И не являлось ли частью этой тайны поразительное сходство Иоанна и Иисуса, словно они были близнецами? В тот момент я понятия не имел, сколько чернил пролилось ради опровержения гипотезы, что у Христа имелся близнец, поэтому подобная версия не показалась мне крамольной. В результате, опираясь на поверхностное знание Библии, я пришел к заключению, что если оба младенца происходили от одного небесного отца, и возвестил о зачатии один и тот же архангел, то вполне логично, что нашлись художники, пожелавшие подчеркнуть их родственные узы выразительными средствами. Или суть заключалась в ином? Кстати, незначительное дополнение, но сам апостол Лука упоминал, что матери младенцев приходились друг другу родственницами. И хотя в Евангелиях степень родства не уточняется, в Средние века было принято считать женщин двоюродными сестрами.

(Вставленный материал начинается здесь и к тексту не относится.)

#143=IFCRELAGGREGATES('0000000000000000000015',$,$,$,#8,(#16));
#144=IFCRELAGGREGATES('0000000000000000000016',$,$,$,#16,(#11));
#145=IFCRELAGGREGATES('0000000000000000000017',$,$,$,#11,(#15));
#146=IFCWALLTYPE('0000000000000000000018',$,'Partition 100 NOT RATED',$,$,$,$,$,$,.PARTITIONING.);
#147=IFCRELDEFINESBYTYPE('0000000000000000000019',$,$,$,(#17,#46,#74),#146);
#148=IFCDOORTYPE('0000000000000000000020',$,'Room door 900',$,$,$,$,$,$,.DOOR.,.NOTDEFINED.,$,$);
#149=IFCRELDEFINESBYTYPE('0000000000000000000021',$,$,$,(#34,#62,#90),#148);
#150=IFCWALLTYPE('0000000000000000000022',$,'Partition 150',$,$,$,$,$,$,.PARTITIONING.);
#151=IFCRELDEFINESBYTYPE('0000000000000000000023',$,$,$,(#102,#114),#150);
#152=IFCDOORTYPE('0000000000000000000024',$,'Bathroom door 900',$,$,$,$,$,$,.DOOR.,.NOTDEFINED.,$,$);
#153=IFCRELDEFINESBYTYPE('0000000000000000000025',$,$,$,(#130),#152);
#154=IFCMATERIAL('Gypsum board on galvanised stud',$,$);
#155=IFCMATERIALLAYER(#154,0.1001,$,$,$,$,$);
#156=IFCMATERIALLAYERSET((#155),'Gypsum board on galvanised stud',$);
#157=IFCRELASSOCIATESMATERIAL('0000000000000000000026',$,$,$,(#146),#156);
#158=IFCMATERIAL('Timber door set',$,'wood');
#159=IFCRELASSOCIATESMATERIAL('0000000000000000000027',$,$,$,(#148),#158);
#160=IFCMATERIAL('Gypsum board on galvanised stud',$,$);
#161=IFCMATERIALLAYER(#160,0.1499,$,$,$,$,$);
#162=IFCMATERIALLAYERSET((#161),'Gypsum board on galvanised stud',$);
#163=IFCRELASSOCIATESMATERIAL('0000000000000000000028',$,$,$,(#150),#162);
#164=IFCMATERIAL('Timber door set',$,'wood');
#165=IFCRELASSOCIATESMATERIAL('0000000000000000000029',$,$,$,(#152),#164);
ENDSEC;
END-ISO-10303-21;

Что ж, если это было правдой, Креститель и Иисус оказывались как минимум троюродными братьями, так что их физическое сходство имело объяснение.

В ту ночь я разыскал и хорошую репродукцию «Мадонны в скалах». Воспользовавшись уроками доктора Фовела, сделал потрясающее открытие. Картин «Мадонна в скалах» кисти Леонардо да Винчи оказалось целых две, а не одна. Более ранняя работа была выполнена Леонардо около 1483 года, вскоре после приезда художника в Милан. Алтарный образ предназначался для украшения капеллы Иммаколата в церкви Святого Франциска. Величественная живопись, пронизанная покоем, имевшая очевидные общие черты с «Ла Перлой» Рафаэля (особенно это касалось композиции), и вместе с тем существенные различия. И снова я отметил сходство между Иоанном Крестителем и младенцем Иисусом. Малыши с недетским выражением смотрели друг на друга, а Мадонна простирала над ними руки, словно желая защитить. Ангел указывал на одного из мальчиков, будто желая сказать: «Вот на этого обратите внимание». «Этим» являлся Иоанн Креститель. Меня заинтриговало, что указующая рука ангела исчезла во втором варианте картины, что ныне хранится в лондонской Национальной галерее. Мало того, в более поздней версии Леонардо предпочел подчеркнуть несходство младенцев, сообщив персонажам противоположность черт. В обеих картинах пейзаж, служивший фоном для встречи детей, был выполнен в темным тонах, как и у Рафаэля. Непосредственное сравнение «Мадонны в скалах» и «Ла Перлы» не оставляло сомнений, что Леонардо оказал большое влияние на своего молодого почитателя.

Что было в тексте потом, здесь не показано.